La mayoría de los escritores principiantes se presentan como “alguien que escribe”, mediante la actividad. Es raro, porque no imagino a un cirujano presentándose: “Hola, soy fulano de tal: alguien que opera”. Creo que ese pudor -al que no puedo calificar de malo o bueno – lo heredamos de una cultura conservadora. A ver: si el libro es un artículo de lujo, como escribió Marx por ahí, los proletarios no acceden a él o lo hacen con mucha dificultad. Si los proletarios no leen libros, menos aun irán a escribirlos. Si hacemos un racconto en la historia de la literatura hay un porcentaje muy alto de aristócratas y oligarcas entre los escritores. Esa es la Bastilla a tomar, para que recién en el siglo XX, gente común empuñe la pluma y se lance a escribir. Los descastados, los parias, los marginales, pueden escribir.
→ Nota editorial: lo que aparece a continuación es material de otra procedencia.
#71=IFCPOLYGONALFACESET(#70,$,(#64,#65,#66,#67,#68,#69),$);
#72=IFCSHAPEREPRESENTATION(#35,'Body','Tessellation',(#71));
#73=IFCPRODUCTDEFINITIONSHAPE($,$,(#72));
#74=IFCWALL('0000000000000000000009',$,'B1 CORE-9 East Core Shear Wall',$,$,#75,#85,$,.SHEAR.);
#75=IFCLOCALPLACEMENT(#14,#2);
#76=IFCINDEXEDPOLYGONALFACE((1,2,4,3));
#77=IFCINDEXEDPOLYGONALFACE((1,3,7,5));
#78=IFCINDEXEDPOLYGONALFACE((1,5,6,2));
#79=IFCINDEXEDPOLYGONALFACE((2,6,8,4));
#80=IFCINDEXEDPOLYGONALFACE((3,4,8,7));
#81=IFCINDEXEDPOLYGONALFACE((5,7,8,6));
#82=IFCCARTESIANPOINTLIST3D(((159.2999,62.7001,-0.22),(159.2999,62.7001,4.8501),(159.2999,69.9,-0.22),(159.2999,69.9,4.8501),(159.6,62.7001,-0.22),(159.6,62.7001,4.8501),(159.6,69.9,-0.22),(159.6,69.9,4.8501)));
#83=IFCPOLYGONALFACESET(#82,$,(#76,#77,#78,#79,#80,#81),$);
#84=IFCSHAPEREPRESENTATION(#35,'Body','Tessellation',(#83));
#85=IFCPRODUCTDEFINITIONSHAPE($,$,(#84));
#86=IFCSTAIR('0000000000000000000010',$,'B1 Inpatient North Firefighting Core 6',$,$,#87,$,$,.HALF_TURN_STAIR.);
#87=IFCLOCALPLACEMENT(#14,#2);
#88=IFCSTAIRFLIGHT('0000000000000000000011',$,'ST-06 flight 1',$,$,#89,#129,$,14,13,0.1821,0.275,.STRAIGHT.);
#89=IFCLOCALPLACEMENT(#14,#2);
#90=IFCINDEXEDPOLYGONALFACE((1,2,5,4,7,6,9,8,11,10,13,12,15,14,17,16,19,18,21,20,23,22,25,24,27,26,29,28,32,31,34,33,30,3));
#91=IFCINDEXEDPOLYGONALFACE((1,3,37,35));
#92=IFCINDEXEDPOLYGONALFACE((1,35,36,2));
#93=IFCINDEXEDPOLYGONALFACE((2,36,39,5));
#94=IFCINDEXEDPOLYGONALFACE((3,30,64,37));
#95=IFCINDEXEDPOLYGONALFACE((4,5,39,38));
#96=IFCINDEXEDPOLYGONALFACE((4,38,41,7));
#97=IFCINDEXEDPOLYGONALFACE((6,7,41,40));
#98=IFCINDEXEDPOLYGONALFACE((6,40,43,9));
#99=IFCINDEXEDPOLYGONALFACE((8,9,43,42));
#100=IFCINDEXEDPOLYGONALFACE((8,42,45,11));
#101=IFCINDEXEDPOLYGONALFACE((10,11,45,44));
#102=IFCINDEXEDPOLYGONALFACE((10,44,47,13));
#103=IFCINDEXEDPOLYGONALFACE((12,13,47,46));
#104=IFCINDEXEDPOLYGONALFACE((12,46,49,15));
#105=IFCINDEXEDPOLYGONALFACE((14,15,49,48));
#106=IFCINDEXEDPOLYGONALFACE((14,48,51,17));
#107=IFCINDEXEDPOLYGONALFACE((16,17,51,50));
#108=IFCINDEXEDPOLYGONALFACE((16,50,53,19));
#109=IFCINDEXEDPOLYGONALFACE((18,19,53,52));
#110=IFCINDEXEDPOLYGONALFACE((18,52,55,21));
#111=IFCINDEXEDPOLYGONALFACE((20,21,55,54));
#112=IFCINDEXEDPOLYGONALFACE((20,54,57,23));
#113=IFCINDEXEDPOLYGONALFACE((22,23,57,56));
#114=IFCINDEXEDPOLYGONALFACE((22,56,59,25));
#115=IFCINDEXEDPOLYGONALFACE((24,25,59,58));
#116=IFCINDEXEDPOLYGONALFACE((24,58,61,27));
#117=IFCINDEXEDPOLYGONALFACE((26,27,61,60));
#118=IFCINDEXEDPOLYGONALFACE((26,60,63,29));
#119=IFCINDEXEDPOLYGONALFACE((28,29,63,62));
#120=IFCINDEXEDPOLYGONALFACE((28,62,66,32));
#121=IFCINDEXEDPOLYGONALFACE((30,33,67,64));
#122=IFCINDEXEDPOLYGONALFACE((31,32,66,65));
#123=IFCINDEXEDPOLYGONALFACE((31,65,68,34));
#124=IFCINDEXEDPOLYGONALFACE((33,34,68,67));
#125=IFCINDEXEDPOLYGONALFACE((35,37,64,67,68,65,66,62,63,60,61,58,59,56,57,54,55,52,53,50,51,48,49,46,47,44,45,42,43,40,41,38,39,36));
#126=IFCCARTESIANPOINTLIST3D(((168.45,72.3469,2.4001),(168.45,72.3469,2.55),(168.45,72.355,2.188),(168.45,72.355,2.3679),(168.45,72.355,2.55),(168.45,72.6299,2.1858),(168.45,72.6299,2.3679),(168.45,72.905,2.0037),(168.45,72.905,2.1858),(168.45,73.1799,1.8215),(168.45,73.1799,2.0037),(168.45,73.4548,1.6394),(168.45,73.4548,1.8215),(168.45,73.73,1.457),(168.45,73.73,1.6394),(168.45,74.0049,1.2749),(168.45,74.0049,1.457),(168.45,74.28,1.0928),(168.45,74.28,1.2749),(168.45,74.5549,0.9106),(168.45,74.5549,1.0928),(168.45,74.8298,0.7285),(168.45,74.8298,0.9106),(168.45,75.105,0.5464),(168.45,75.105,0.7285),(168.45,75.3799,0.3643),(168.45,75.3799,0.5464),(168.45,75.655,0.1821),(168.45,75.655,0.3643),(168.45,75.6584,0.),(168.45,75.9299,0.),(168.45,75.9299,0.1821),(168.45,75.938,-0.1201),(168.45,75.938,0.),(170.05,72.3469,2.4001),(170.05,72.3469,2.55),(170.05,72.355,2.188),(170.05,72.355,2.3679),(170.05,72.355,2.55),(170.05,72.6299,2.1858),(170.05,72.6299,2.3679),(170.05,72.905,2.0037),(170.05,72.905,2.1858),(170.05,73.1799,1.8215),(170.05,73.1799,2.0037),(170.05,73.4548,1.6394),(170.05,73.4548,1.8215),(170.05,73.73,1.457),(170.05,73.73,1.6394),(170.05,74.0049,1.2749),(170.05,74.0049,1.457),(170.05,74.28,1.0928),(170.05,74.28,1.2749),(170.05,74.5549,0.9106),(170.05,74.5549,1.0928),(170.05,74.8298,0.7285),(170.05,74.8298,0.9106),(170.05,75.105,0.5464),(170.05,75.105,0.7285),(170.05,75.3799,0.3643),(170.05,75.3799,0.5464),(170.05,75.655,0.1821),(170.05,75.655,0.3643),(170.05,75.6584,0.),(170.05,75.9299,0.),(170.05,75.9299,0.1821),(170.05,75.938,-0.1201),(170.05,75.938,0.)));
El libro es el objeto más democrático que existe y capaz de imbuir a los lectores de un espíritu democrático que los llene de aquellos valores que todos sostenemos desde la Revolución Francesa: un libro nos hará libre, fraternos, iguales, y los lectores somos una comunidad de hermanos.
Si pudiéramos pensarlo de esta manera, nos sacudiríamos -de hecho muchos estamos trabajando para que eso suceda en los más jóvenes– el prejuicio de que para escribir uno debe pertenecer a una élite, social, académica, una runfla de amigos editores que han tenido el tiempo y la oportunidad de leer los mejores libros, en diferentes idiomas.
Afortunadamente el libro ya hizo su labor en mentes de todas las clases y hoy sabemos -y quién no lo sabe, que se despierte – que todos podemos escribir. Que escribir con más o menos talento tiene que ver con lo dado y con lo aprendido, que en ocasiones vale tanto ser aplicado como ser genial, que todos tenemos una historia para contar y que portamos nuestra vida como propia historia. Por eso, corrijo, todos deberíamos escribir un libro, al menos para hacer la prueba, y porque si nosotros, con nuestra singularidad y unicidad no escribimos nuestra historia, ¿quién lo hará por nosotros?
¿Quién contará tu vida? ¿Quién sabrá de tu paso por este mundo cuando ya no estés?
Los libros nos dan la ilusión de la trascendencia; escribiendo te volvés inmortal. Puede fallar, claro, puede que tu libro se pierda en la noche de los tiempos como se han perdido cientos de miles de libros a lo largo de la historia. Puede que haya un virus nuevo y solo queden en el mundo las cucarachas para caminar encima de tu libro. Pero mientras estás acá, escribir tu historia marca una dirección, un sentido de la existencia, el tuyo, tu camino. (Atención: no ponerse demasiado místico. También Hitler escribió su libro: escribir no te vuelve bueno, sólo te hace una vocecita más en el clamor de la especie humana.)
Ese día, frente a las nenas de la escuela, me quedé mirándome los zapatos. Después, junté aire. "Sí”, contesté. “Yo soy la escritora”.